Passenger planes with electric powertrains may still be only a speck on the horizon, but the use of emissions-lowering biofuel just took a giant step towards viability.

United Airlines made history on Wednesday when it operated the first passenger flight using 100 percent sustainable aviation fuel (SAF). The flight was the airline’s attempt to prove that there is no operational difference between SAF and the conventional fuel currently used by commercial planes.

The plane used for Wednesday’s flight was one of United’s new Boeing 737 Max 8s. More than 100 passengers, including the company’s CEO Scott Kirby, were on board the demonstration flight, which took off from Chicago’s O’Hare airport and landed at Washington, DC’s Reagan National Airport, according to the airline. Airplanes are currently only allowed to fly with a maximum of 50 percent SAF on board and it must be blended with conventional fuel. But for this flight, United received special permission to use 500 gallons of 100 percent SAF in one engine and the same amount of conventional fuel in the other.
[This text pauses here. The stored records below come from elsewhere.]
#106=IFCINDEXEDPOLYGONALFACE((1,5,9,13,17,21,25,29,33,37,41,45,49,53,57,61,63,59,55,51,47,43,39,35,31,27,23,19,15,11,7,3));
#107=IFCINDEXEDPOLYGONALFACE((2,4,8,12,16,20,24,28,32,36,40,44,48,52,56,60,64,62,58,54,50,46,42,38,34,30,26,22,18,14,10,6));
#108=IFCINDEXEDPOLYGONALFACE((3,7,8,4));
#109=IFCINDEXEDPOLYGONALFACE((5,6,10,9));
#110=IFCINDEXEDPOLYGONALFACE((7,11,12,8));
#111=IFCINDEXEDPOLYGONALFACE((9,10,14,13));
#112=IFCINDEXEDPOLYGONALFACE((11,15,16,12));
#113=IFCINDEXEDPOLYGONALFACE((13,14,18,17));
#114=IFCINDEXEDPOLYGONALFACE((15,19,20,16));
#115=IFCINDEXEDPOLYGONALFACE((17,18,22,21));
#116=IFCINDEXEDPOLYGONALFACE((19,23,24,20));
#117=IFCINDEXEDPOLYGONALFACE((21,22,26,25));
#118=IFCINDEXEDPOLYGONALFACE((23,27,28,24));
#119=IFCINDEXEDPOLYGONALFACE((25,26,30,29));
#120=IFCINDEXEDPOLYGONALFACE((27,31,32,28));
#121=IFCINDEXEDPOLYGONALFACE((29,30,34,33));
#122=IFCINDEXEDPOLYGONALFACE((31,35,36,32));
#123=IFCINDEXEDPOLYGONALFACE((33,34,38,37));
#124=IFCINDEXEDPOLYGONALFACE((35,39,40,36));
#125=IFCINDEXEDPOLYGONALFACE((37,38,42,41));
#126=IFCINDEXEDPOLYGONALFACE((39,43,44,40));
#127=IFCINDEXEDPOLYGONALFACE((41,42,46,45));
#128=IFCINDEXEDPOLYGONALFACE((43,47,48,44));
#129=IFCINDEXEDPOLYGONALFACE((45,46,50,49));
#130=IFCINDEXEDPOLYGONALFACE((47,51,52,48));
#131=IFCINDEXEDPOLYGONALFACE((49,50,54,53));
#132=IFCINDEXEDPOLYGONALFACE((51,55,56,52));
United hopes that the successful flight will open the door to the increased use of SAF by airlines. During the 612-mile flight, the engine using SAF emitted 75 percent less carbon dioxide than an engine using conventional fuel normally would, according to a tweet from the airline. United claims that the SAF is already compatible with existing plane fleets, so no engine modifications would be needed to accommodate the biofuel.

“Today’s SAF flight is not only a significant milestone for efforts to decarbonize our industry, but when combined with the surge in commitments to produce and purchase alternative fuels, we’re demonstrating the scalable and impactful way companies can join together and play a role in addressing the biggest challenge of our lifetimes,” Kirby said in a statement.

Of course, there are still some barriers that need to be overcome before use of SAF becomes widespread. In addition to regulatory hurdles, there’s also the very big issue of cost, Gizmodo points out. Right now, SAF costs four times as much as conventional fuel. Production would also need to be scaled dramatically. Earlier this month, Delta CEO Ed Bastian told Bloomberg News the nation’s current supply of SAF is only enough to fuel his company’s fleet for a single day.

If those problems can be solved, sustainable aviation fuel could help make air travel significantly cleaner before the industry is finally ready to transition to zero-emission alternatives like electric planes.